Ordinance GPT
This example folder contains supporting documents, results, and code for the Ordinance GPT experiment.
Prerequisites
We recommend installing the pytesseract module to allow PDF retrieval for scanned documents. See the ordinance-specific installation instructions for more details.
Running from Python
This instruction set presents a simplified example to extract ordinance data from a ordinance document on disk. This corresponds with the ordinance data extraction from PDF results in Buster et al., 2024.

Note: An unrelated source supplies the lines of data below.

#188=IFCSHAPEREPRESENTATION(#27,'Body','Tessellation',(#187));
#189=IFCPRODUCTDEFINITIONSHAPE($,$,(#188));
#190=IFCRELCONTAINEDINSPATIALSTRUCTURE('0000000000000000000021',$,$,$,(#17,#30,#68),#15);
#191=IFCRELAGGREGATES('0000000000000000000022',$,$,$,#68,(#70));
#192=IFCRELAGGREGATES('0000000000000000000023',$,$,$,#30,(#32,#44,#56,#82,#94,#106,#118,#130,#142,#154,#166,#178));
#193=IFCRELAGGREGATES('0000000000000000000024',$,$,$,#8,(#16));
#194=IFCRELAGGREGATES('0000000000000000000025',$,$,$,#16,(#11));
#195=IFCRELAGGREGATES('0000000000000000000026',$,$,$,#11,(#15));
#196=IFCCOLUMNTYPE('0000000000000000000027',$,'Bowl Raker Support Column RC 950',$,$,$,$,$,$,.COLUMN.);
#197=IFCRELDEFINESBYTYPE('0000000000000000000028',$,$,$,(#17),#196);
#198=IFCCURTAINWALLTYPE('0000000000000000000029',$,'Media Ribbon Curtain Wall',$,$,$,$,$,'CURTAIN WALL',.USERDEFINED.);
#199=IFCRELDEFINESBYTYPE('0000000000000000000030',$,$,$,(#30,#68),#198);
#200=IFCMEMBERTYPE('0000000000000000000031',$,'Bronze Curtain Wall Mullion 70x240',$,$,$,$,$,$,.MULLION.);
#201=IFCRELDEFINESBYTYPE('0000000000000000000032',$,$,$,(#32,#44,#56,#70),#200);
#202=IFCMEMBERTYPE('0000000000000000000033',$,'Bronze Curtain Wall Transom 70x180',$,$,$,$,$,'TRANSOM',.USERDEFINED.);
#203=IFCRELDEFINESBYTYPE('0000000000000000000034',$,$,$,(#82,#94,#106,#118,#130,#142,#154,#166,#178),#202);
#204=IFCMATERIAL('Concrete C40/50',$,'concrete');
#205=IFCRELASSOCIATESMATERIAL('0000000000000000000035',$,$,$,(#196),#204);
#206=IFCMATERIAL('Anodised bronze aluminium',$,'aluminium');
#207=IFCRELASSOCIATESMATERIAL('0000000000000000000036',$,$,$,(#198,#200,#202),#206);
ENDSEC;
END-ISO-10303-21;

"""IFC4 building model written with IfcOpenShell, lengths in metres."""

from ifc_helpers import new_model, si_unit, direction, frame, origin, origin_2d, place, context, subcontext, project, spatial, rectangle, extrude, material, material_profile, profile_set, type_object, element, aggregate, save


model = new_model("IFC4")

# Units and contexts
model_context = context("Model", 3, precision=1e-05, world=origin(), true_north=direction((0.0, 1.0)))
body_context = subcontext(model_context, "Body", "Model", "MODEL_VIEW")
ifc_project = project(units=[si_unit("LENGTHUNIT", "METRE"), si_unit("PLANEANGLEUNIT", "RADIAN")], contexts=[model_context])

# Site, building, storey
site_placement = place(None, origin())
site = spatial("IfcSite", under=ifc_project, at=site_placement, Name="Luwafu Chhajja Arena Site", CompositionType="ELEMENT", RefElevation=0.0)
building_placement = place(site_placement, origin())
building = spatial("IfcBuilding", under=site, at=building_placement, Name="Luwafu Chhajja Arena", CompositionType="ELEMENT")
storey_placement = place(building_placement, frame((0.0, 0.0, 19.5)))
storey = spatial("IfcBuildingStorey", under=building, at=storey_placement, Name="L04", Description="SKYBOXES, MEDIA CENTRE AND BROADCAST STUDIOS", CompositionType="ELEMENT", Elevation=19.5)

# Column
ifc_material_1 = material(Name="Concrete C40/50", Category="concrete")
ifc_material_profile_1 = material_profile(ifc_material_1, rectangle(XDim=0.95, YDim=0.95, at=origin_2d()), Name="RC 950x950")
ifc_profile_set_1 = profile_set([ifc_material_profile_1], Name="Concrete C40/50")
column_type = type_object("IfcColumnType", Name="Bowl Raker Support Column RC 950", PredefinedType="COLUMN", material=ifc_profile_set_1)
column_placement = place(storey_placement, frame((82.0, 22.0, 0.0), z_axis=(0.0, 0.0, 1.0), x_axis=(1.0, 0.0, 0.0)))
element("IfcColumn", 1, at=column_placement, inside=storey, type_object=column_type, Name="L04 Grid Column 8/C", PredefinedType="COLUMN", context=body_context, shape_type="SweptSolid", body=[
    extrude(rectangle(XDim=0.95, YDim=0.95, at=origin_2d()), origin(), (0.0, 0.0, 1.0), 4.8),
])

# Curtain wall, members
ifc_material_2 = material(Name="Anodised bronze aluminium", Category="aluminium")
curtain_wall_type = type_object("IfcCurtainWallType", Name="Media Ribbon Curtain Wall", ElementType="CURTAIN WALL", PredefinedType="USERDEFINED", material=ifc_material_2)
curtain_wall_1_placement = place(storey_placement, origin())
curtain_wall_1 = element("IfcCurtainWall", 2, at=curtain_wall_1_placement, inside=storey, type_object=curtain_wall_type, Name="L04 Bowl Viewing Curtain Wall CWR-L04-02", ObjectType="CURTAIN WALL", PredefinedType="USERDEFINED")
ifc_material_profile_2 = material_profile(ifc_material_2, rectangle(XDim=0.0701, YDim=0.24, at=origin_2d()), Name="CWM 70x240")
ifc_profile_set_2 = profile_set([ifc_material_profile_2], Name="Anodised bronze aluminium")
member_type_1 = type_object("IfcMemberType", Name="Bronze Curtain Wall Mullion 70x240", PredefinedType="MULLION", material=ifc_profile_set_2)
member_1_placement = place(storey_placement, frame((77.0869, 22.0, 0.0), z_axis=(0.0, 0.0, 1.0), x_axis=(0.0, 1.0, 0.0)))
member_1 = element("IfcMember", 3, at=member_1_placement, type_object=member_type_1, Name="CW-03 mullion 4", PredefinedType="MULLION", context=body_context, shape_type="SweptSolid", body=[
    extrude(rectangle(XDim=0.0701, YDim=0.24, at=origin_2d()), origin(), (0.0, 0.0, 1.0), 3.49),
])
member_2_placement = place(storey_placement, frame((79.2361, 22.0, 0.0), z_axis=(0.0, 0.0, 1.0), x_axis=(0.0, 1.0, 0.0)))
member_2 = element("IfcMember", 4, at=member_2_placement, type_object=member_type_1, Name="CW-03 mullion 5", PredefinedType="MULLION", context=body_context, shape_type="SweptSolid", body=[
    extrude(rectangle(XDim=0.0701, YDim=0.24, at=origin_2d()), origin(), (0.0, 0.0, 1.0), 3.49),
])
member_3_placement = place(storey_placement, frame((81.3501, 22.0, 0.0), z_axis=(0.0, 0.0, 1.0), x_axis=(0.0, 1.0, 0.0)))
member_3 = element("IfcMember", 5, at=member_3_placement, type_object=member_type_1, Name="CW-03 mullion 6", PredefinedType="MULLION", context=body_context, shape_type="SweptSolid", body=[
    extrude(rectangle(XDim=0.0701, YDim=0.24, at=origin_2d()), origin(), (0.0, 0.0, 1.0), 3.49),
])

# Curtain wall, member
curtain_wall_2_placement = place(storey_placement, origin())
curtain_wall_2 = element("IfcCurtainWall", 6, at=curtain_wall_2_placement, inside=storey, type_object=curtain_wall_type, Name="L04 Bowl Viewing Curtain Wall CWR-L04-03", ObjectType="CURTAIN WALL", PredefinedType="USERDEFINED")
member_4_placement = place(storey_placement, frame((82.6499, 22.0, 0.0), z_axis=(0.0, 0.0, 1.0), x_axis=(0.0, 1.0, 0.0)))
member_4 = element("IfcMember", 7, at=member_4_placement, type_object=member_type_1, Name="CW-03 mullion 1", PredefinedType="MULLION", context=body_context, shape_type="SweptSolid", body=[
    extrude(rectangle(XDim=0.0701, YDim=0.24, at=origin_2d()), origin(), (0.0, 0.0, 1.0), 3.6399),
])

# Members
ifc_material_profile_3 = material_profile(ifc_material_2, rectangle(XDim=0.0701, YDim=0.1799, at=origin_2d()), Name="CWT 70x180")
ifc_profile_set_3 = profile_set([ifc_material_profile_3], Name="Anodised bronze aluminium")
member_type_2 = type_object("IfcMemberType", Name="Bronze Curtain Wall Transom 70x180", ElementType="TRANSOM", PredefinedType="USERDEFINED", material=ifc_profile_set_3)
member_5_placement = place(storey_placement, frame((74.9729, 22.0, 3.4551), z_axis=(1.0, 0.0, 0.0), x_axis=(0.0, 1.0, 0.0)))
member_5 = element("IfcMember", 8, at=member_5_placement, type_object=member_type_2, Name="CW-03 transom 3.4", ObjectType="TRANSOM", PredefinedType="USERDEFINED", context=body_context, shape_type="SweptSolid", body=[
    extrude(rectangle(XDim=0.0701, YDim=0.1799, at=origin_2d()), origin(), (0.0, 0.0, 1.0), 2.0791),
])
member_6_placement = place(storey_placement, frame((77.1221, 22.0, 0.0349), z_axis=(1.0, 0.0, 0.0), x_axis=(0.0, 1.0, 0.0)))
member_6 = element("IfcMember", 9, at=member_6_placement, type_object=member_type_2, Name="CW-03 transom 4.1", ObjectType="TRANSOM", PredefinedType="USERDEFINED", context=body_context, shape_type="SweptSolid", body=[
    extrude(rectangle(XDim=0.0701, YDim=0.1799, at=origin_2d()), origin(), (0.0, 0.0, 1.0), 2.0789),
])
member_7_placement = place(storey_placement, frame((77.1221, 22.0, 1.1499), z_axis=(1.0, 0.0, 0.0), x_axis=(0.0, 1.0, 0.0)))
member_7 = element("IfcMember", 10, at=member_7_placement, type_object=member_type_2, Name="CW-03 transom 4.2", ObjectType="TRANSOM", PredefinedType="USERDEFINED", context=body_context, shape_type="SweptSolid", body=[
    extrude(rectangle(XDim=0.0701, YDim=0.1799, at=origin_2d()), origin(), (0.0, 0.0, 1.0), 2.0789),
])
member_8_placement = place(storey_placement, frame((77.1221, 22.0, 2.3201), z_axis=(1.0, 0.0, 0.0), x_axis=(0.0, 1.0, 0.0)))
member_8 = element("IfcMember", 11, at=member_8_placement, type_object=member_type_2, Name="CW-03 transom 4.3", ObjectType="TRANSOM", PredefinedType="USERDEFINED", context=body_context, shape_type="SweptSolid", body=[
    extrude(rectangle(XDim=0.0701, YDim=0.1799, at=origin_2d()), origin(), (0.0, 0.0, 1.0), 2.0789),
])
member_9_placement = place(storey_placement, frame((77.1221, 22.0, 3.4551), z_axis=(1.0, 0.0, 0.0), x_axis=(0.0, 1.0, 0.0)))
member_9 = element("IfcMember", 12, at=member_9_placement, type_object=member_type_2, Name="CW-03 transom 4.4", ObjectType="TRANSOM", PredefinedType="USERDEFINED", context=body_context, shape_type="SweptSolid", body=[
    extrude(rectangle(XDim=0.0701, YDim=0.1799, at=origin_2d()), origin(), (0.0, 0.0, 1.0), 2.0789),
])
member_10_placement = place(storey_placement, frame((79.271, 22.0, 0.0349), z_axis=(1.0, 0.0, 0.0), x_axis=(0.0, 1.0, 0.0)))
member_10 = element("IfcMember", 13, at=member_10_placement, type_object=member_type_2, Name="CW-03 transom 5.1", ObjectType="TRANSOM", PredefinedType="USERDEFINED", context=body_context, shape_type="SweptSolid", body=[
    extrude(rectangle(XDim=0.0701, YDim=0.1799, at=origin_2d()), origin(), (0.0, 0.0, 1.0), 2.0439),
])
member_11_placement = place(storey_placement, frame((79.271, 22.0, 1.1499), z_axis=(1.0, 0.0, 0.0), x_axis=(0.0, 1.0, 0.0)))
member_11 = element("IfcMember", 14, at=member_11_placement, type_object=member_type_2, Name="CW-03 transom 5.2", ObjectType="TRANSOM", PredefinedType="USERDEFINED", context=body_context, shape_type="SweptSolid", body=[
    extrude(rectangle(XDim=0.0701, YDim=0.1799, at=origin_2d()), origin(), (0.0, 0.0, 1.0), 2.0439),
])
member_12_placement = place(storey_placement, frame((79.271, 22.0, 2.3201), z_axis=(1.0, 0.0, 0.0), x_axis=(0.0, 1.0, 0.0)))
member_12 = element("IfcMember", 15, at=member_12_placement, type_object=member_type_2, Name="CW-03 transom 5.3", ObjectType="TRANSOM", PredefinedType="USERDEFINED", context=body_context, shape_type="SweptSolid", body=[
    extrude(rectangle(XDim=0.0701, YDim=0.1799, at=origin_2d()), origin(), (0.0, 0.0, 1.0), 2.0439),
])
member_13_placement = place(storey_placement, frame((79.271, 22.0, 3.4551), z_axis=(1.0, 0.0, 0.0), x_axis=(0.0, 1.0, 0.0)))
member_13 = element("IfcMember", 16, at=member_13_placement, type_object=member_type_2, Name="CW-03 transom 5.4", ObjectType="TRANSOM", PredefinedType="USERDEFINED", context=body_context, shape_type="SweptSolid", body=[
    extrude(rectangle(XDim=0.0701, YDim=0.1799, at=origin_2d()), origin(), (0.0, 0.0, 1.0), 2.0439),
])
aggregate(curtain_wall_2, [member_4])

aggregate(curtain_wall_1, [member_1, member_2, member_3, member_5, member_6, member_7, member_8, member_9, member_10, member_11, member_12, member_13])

To run this, first download one or more ordinance documents from the Box folder.
After downloading the ordinance document(s), set the relevant path for the fp_pdf
variable, and then run the script:
.. code-block:: bash
$ python parse_pdf.py
Running from the Command Line Utility
This instruction set is an experimental process to use LLMs to search the internet for relevant ordinance documents, download those documents, and then extract the relevant ordinance data.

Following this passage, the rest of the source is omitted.